Setin geleneksel şakalarından biri böylece inşa edildi. Ve ben bu dinamikten “Zenginliğine rağmen hep mağdur hep ezik Gülenay” karakterini yazdım. Vural da nefis oynadı. Birinin bizi durduramadığı günlerdi.
2008’de, son sezona girerken, ayrılmak istediğini söylediğinde ben de dahil birkaç oyuncu arkadaşım vazgeçirmeye çalıştık. Ücret, çalışma saatleri, senaryodaki yeri gibi şikayetleri vardı. Yapımcılarla konuşup, bana alıngan tonlu bir mesaj atarak ayrıldığını söyledi ve teşekkür etti. Belki benim daha da ısrar etmemi bekledi, bilmiyorum.
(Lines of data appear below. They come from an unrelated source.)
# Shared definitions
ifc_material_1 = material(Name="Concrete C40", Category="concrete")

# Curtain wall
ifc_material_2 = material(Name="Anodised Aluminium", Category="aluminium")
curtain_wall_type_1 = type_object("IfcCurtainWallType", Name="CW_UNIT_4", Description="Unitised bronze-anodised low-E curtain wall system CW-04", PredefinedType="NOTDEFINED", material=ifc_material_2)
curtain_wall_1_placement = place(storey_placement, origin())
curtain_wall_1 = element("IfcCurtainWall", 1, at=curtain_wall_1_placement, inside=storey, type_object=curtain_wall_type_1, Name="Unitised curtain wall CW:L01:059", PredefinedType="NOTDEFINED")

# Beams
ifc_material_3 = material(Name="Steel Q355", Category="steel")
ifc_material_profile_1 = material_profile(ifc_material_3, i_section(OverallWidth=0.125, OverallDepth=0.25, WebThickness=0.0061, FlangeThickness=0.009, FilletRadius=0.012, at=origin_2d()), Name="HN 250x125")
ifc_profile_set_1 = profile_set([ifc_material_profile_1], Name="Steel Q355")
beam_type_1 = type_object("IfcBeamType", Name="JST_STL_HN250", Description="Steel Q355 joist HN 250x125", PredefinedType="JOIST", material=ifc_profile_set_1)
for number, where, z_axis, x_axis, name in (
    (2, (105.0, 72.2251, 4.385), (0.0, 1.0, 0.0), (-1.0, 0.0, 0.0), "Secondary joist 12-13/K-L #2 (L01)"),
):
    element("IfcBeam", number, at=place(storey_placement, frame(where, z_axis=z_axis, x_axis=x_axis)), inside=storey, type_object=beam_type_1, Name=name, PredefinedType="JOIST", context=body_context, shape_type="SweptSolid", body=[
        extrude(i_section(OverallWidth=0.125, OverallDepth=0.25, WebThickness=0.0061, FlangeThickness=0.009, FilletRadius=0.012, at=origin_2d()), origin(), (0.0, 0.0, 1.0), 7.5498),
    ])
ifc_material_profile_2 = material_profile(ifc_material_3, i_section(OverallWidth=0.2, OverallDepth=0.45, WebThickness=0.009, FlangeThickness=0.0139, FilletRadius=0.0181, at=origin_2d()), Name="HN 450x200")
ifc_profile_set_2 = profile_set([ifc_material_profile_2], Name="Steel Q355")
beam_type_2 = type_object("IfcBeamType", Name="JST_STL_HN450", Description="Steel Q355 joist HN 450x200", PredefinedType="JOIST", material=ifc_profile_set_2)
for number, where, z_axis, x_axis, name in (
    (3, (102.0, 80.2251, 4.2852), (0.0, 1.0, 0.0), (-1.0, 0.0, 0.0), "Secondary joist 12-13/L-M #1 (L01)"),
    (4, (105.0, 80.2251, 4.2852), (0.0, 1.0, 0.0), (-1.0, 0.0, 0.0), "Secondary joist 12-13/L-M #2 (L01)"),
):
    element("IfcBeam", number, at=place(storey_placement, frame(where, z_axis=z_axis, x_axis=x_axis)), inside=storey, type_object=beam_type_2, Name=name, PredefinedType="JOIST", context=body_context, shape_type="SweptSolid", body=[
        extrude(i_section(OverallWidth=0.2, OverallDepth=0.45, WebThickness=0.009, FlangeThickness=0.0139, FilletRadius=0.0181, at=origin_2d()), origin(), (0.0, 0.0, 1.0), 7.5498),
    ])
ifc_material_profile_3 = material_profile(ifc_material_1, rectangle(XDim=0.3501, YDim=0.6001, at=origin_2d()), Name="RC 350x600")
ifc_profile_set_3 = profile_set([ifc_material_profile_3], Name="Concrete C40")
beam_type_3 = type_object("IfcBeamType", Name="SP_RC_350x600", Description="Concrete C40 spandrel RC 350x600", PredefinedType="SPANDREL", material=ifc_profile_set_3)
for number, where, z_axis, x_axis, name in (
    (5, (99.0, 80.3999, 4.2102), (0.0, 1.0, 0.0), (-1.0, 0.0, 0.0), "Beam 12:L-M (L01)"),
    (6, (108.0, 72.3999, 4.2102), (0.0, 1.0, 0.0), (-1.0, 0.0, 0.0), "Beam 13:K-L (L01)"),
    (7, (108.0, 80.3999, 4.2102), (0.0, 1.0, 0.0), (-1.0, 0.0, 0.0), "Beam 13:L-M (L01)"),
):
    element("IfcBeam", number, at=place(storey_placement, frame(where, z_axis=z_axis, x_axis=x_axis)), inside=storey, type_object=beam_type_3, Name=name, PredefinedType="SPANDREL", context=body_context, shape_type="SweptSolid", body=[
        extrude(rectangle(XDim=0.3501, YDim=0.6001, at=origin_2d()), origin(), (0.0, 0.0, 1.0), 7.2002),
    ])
Gülse Birsel tepki çeken bu mesajını kısa bir süre sonra Instagram hesabından kaldırmıştı.
Avrupa Yakası'nda Sedef karakterini canlandıran usta oyuncu Suna Keskin, Aramızda Kalmasın programına konuyla ilgili açıklamada bulundu.
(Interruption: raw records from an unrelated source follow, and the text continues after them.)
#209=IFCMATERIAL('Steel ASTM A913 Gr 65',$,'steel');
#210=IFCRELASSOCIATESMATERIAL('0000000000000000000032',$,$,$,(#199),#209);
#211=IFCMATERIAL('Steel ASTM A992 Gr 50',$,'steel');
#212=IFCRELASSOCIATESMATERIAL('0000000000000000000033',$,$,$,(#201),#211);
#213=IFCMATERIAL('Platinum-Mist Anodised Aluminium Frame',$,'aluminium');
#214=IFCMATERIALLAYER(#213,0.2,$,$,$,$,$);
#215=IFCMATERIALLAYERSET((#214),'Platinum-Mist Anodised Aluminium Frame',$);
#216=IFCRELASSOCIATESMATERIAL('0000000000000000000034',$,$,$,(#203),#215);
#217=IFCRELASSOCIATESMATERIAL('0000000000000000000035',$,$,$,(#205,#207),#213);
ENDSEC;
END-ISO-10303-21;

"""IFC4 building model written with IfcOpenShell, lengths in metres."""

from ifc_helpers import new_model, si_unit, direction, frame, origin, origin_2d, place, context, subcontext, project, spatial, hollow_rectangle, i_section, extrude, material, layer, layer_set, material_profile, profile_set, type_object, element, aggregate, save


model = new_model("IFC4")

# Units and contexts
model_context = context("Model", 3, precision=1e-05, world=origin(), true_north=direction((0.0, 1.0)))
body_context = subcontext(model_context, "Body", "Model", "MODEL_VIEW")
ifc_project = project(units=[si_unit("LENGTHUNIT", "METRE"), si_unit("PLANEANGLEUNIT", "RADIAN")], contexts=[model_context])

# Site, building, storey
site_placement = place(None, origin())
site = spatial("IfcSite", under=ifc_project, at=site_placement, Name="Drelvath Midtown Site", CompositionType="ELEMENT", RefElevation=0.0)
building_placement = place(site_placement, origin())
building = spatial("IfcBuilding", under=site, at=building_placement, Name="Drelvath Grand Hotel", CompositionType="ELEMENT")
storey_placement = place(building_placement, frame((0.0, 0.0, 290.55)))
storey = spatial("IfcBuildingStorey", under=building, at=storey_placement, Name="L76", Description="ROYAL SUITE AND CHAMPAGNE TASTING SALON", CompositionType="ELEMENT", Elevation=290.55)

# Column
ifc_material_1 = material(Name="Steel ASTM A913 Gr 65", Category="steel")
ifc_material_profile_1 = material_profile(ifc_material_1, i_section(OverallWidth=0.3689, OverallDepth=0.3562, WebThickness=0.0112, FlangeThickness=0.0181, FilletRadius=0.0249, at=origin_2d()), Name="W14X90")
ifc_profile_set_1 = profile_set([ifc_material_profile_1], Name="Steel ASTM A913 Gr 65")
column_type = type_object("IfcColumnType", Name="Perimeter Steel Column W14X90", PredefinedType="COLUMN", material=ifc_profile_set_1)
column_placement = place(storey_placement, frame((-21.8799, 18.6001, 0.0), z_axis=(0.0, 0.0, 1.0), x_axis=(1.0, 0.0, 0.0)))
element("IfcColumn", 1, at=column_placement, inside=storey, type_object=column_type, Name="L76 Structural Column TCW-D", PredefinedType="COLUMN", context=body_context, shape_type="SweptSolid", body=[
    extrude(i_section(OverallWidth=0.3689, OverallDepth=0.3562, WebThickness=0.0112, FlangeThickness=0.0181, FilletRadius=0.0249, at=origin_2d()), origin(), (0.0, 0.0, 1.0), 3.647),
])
'O SETTE BİR SÜRÜ ŞEYLER YAŞANDI'
Usta oyuncu, "Ben ikinci yılında dahil oldum. O setlerde ne kırgınlıklar ne yanlışlar yaşanıyor. O sette de bir sürü şeyler yaşandı. Oyuncular tolere etti. Bu da görmezden gelinebilirdi. Yazık olmuş. Niçin başka birisi hoş görülüyor da ötekine bu hoş görü esirgeniyor. Daha dikkatli olunması gerekir. Keşke denilebilseydi Vuralcığım senden vazgeçmiyoruz." dedi.